5. In your main python script invoked by the slurm
script above, use the following lines:
The use of the RAY_ADDRESS
environment variable in the slurm
script means there is no need to point it to the right address.
Some notes on what this script does:
- Launch a ray server on each node as a single task with the assigned number of cores.
- On the head node, reserve 1 core for the main script.
- Launch a python script on the head node (only!). This script dispatches tasks to all worker processes.

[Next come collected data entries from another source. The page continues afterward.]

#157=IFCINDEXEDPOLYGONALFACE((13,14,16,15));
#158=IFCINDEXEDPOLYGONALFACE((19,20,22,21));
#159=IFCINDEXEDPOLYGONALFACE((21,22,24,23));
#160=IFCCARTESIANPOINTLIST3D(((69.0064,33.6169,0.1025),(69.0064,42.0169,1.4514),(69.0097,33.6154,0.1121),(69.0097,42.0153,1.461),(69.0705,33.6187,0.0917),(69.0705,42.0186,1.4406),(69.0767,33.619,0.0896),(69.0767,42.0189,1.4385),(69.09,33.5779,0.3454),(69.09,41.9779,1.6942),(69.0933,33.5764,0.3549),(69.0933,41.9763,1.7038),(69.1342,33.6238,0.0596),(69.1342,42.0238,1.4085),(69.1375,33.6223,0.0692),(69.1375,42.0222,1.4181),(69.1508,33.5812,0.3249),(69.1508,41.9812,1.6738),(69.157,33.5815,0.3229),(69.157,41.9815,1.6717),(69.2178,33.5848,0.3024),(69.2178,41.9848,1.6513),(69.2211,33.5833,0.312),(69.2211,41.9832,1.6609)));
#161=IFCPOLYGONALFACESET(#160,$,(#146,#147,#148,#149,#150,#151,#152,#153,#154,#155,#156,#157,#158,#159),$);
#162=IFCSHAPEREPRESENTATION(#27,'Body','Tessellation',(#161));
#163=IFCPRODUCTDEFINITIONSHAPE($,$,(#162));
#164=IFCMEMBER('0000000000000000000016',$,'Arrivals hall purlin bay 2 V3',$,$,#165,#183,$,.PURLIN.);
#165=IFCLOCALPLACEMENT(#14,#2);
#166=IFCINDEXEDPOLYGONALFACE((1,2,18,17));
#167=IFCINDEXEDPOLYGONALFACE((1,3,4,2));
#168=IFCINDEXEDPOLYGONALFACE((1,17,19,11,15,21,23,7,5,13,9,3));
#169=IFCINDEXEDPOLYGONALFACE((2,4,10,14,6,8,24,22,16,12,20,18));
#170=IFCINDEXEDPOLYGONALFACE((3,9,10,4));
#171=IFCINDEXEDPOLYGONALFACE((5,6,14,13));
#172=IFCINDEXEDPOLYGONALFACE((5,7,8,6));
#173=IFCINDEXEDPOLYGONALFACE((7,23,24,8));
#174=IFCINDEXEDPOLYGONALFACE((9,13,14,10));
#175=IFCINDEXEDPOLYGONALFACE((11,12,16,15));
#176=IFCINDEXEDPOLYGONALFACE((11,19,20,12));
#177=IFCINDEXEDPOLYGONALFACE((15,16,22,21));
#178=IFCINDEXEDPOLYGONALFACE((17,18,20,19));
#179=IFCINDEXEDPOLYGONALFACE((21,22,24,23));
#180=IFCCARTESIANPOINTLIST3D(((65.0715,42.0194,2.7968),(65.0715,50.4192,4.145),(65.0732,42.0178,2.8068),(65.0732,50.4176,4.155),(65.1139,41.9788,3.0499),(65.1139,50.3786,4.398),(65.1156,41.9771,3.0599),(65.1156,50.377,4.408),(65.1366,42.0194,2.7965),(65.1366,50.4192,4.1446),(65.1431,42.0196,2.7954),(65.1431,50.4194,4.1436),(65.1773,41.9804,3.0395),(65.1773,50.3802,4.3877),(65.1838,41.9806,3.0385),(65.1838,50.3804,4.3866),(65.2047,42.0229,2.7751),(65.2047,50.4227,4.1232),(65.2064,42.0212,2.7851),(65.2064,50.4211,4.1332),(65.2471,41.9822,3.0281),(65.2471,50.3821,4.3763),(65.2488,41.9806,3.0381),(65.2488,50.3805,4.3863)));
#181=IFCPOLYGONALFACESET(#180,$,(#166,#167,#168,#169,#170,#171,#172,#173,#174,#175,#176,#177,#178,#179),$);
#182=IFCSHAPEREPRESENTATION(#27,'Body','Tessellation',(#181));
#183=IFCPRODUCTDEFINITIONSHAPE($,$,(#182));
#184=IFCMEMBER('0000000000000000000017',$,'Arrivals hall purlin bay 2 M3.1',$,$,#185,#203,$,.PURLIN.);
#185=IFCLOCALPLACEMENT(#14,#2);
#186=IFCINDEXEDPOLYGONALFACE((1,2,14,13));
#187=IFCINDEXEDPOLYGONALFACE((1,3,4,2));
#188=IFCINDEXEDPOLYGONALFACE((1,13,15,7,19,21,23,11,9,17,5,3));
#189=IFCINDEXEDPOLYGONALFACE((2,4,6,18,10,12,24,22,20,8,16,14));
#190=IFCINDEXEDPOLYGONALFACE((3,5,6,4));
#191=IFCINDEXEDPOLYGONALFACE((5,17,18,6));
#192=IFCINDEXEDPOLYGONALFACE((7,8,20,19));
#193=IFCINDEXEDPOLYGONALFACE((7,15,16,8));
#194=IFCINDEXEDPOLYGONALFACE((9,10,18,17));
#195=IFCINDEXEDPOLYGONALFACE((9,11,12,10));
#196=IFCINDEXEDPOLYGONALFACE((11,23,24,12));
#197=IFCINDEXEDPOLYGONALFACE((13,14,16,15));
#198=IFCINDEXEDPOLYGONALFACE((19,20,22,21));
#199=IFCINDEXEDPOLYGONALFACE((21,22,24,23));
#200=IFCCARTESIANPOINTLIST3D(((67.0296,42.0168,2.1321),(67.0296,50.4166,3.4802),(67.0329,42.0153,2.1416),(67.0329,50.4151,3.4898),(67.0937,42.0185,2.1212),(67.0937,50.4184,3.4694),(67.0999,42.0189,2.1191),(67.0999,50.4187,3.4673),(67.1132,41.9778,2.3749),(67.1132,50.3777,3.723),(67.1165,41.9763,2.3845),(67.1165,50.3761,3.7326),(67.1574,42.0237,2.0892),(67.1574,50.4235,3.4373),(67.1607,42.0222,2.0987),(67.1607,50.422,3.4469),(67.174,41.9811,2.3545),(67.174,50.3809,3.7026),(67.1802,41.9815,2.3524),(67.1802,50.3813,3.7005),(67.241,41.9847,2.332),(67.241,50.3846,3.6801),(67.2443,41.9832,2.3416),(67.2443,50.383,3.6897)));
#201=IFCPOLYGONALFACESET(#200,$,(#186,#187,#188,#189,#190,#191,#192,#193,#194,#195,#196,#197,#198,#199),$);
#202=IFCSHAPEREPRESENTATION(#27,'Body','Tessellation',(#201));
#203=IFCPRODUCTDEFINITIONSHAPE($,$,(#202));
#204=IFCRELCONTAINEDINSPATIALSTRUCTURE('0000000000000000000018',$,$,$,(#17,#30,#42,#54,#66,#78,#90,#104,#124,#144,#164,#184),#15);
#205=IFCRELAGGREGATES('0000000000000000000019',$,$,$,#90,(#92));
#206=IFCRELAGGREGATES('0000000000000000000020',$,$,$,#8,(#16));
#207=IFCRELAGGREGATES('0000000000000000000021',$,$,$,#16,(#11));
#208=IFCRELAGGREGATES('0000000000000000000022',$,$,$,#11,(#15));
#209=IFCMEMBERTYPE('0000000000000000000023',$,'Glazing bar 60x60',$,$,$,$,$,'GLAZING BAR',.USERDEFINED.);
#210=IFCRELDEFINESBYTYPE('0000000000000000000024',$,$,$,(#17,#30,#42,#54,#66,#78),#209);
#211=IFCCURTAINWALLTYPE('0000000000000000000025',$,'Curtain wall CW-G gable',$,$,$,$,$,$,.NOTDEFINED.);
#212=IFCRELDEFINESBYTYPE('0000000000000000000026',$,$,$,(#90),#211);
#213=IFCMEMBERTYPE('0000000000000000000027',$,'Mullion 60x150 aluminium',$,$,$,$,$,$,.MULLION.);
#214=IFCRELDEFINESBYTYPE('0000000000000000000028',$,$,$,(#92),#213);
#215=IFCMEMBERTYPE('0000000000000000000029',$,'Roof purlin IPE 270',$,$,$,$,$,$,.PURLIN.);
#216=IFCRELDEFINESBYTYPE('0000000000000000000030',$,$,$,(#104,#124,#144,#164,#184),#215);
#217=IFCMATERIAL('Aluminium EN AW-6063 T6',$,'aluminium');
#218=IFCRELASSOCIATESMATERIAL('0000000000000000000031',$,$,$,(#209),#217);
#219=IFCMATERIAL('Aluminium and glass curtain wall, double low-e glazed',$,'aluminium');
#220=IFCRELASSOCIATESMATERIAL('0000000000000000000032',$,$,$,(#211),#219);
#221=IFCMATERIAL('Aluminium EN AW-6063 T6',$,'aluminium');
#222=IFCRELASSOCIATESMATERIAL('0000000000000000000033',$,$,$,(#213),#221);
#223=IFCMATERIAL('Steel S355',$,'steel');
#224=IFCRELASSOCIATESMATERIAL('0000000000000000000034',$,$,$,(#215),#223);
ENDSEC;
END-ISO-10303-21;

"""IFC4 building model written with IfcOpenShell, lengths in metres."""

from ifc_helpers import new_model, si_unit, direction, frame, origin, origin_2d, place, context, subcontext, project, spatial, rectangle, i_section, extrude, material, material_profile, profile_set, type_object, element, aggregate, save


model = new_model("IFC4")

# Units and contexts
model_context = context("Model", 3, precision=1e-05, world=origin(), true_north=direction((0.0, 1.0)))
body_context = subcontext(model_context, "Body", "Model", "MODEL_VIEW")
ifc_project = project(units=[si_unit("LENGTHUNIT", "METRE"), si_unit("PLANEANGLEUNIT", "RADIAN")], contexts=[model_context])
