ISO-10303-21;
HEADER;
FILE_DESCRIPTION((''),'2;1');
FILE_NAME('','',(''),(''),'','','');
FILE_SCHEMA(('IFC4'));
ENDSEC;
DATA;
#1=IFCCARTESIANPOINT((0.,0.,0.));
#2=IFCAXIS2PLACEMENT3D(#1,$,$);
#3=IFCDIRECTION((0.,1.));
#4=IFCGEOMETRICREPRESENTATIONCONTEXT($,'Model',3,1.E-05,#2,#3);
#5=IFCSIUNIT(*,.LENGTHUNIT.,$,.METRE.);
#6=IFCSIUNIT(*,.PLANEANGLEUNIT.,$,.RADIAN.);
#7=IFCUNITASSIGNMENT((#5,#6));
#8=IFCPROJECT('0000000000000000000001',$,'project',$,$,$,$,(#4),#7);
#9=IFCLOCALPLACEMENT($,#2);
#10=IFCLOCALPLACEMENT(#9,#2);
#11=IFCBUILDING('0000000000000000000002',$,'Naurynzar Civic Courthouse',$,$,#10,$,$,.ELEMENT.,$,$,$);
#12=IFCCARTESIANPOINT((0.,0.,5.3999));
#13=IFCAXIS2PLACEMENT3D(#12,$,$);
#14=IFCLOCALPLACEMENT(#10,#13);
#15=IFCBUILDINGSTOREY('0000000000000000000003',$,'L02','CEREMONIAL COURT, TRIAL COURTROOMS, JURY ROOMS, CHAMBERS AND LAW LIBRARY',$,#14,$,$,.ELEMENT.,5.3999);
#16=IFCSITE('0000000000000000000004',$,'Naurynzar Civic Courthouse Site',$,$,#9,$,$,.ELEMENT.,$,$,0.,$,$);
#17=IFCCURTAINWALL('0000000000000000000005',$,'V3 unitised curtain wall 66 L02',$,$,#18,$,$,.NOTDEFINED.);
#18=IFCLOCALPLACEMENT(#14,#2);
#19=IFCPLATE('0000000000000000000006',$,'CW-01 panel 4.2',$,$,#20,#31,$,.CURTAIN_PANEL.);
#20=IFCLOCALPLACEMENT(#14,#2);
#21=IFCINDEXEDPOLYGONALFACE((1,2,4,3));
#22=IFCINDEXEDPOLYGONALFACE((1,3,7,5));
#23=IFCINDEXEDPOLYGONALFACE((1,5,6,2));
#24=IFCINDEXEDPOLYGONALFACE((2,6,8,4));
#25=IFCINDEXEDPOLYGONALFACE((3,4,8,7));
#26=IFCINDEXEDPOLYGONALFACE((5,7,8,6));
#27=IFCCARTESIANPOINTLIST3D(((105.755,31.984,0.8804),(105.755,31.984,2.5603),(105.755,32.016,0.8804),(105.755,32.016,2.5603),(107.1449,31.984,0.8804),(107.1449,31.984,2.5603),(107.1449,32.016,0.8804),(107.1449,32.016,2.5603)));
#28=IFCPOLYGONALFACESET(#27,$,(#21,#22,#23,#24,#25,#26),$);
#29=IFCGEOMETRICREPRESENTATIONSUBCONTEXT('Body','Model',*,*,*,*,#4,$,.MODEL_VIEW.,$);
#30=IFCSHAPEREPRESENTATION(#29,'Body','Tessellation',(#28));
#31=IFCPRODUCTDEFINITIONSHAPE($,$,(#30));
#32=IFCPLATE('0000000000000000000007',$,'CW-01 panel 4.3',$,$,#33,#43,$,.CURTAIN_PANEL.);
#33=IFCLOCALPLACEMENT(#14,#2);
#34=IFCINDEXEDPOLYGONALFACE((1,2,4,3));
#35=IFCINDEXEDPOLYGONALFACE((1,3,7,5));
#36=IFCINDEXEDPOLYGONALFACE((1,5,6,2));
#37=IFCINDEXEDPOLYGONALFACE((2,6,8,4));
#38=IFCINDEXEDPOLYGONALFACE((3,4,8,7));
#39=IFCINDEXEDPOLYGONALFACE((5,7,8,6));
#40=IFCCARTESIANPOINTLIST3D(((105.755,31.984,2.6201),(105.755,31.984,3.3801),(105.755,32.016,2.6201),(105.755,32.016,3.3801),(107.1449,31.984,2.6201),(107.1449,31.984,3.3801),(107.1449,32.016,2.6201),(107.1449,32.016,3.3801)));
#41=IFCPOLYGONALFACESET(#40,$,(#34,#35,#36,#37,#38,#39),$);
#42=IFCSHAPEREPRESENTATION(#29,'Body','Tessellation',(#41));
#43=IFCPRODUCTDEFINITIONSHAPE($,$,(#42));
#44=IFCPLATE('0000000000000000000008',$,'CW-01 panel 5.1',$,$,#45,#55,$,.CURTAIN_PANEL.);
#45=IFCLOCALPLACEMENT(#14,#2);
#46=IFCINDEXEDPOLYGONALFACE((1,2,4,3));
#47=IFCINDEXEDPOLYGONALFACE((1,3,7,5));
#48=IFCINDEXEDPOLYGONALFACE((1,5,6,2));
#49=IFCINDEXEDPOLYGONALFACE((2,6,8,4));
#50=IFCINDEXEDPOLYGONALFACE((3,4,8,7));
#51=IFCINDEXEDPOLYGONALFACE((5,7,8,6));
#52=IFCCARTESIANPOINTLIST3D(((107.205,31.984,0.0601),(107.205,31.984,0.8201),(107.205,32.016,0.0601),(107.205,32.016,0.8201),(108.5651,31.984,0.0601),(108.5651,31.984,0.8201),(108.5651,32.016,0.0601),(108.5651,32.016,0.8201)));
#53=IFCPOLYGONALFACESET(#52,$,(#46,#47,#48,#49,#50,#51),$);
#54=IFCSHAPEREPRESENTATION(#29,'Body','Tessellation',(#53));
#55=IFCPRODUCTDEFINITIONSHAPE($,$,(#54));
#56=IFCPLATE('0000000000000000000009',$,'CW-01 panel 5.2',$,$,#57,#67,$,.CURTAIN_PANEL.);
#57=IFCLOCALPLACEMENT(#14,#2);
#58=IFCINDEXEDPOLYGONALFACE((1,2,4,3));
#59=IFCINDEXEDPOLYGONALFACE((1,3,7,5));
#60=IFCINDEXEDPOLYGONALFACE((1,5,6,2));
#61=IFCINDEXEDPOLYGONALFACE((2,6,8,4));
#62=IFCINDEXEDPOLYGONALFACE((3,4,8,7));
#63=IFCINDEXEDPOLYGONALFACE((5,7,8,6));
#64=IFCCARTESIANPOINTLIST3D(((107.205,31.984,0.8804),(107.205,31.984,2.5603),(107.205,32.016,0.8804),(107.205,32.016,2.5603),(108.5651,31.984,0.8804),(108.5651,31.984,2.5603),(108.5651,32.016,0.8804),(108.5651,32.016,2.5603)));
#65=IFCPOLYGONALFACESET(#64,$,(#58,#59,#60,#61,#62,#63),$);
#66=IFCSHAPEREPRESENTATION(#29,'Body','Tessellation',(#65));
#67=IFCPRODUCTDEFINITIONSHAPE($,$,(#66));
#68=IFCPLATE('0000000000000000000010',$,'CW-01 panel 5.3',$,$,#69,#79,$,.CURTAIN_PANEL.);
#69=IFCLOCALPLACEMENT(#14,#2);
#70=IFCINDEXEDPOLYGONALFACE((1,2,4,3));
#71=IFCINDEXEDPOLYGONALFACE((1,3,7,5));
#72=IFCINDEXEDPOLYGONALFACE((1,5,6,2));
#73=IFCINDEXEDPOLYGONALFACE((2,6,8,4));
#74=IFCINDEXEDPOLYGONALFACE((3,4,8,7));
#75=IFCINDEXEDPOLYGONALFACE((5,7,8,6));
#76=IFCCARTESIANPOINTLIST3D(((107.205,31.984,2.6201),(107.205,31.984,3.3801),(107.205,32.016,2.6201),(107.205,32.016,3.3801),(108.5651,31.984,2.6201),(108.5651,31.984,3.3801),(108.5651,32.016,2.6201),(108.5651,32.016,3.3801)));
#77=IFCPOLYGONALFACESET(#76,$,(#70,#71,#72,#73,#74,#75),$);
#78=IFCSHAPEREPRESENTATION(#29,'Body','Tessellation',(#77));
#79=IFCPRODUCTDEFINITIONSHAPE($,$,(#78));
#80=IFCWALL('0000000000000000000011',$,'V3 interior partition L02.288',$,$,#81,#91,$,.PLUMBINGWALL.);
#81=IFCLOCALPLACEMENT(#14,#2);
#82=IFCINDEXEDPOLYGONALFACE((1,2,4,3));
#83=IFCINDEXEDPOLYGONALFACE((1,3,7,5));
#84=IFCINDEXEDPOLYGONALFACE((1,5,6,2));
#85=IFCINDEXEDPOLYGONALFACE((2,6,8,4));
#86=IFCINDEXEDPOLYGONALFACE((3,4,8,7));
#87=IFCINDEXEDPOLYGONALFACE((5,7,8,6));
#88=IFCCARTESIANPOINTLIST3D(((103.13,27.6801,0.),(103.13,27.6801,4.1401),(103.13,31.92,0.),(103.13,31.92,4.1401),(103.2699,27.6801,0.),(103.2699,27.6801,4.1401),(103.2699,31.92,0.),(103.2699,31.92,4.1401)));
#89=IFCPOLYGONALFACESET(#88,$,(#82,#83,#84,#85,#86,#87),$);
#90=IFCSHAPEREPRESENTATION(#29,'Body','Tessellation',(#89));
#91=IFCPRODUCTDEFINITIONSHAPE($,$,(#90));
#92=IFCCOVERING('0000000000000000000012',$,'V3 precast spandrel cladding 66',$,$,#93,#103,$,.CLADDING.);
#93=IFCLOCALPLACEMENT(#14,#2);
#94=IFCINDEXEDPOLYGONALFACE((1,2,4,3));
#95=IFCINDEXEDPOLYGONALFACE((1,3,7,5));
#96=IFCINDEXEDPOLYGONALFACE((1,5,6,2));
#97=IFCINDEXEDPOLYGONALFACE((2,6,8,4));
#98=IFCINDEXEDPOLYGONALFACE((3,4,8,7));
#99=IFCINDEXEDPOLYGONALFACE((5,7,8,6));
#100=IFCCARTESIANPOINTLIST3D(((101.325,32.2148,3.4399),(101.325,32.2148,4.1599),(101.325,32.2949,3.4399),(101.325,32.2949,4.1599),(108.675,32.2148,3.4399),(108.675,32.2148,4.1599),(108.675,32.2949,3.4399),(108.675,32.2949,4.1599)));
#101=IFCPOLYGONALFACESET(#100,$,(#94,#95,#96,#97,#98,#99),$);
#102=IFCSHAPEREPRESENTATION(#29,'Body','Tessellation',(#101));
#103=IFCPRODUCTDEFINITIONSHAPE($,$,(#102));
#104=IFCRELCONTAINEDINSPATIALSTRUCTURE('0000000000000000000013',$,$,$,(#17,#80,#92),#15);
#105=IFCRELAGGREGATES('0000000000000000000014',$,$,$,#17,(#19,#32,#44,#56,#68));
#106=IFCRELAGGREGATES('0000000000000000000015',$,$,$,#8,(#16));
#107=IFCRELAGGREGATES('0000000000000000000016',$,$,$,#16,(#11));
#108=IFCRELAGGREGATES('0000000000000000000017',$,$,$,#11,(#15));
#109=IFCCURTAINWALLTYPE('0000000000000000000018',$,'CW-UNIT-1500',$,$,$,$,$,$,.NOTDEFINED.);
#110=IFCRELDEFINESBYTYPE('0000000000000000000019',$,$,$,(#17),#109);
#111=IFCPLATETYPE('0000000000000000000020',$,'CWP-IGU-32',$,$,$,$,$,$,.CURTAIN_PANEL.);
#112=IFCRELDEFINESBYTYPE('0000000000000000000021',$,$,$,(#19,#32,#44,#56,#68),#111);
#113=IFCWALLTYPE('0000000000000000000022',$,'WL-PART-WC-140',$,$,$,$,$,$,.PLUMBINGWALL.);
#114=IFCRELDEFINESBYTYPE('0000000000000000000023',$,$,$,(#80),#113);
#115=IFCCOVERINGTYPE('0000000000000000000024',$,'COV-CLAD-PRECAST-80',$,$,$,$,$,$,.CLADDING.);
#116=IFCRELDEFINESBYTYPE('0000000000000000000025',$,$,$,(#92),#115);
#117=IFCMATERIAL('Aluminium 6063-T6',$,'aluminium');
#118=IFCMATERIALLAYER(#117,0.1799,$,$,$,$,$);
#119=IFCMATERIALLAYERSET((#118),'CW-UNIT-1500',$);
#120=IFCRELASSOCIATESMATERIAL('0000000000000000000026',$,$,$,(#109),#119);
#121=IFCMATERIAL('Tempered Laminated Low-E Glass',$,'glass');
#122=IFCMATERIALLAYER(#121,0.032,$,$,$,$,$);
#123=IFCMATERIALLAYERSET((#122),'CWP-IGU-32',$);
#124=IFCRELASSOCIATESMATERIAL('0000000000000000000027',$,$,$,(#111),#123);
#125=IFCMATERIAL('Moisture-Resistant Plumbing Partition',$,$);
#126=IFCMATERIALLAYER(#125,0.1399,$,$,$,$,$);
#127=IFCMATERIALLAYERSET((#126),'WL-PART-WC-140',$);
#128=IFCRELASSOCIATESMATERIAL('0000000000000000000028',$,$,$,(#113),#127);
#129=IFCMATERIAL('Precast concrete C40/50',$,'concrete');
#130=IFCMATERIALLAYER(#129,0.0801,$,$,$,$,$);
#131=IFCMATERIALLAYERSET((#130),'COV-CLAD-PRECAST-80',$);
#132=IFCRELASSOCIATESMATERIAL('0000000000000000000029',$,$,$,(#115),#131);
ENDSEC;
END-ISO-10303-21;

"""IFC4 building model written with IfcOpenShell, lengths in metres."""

from ifc_helpers import new_model, si_unit, direction, frame, frame_2d, origin, origin_2d, place, context, subcontext, project, spatial, rectangle, extrude, material, layer, layer_set, type_object, element, aggregate, save


model = new_model("IFC4")

# Units and contexts
model_context = context("Model", 3, precision=1e-05, world=origin(), true_north=direction((0.0, 1.0)))
body_context = subcontext(model_context, "Body", "Model", "MODEL_VIEW")
ifc_project = project(units=[si_unit("LENGTHUNIT", "METRE"), si_unit("PLANEANGLEUNIT", "RADIAN")], contexts=[model_context])

# Site, building, storey
site_placement = place(None, origin())
site = spatial("IfcSite", under=ifc_project, at=site_placement, Name="Naurynzar Civic Courthouse Site", CompositionType="ELEMENT", RefElevation=0.0)
building_placement = place(site_placement, origin())
building = spatial("IfcBuilding", under=site, at=building_placement, Name="Naurynzar Civic Courthouse", CompositionType="ELEMENT")
storey_placement = place(building_placement, frame((0.0, 0.0, 5.3999)))
storey = spatial("IfcBuildingStorey", under=building, at=storey_placement, Name="L02", Description="CEREMONIAL COURT, TRIAL COURTROOMS, JURY ROOMS, CHAMBERS AND LAW LIBRARY", CompositionType="ELEMENT", Elevation=5.3999)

- Clean up when done. It needs some hacks to suppress error codes as ray stop does not exit nicely (error codes 15 or -15).
Warning: the ray server needs additional configuration for multiple ray servers to run on a single node. With the current script, running two jobs on 12 cores each is likely to cause issues, as the same node may be used and port assignments may clash.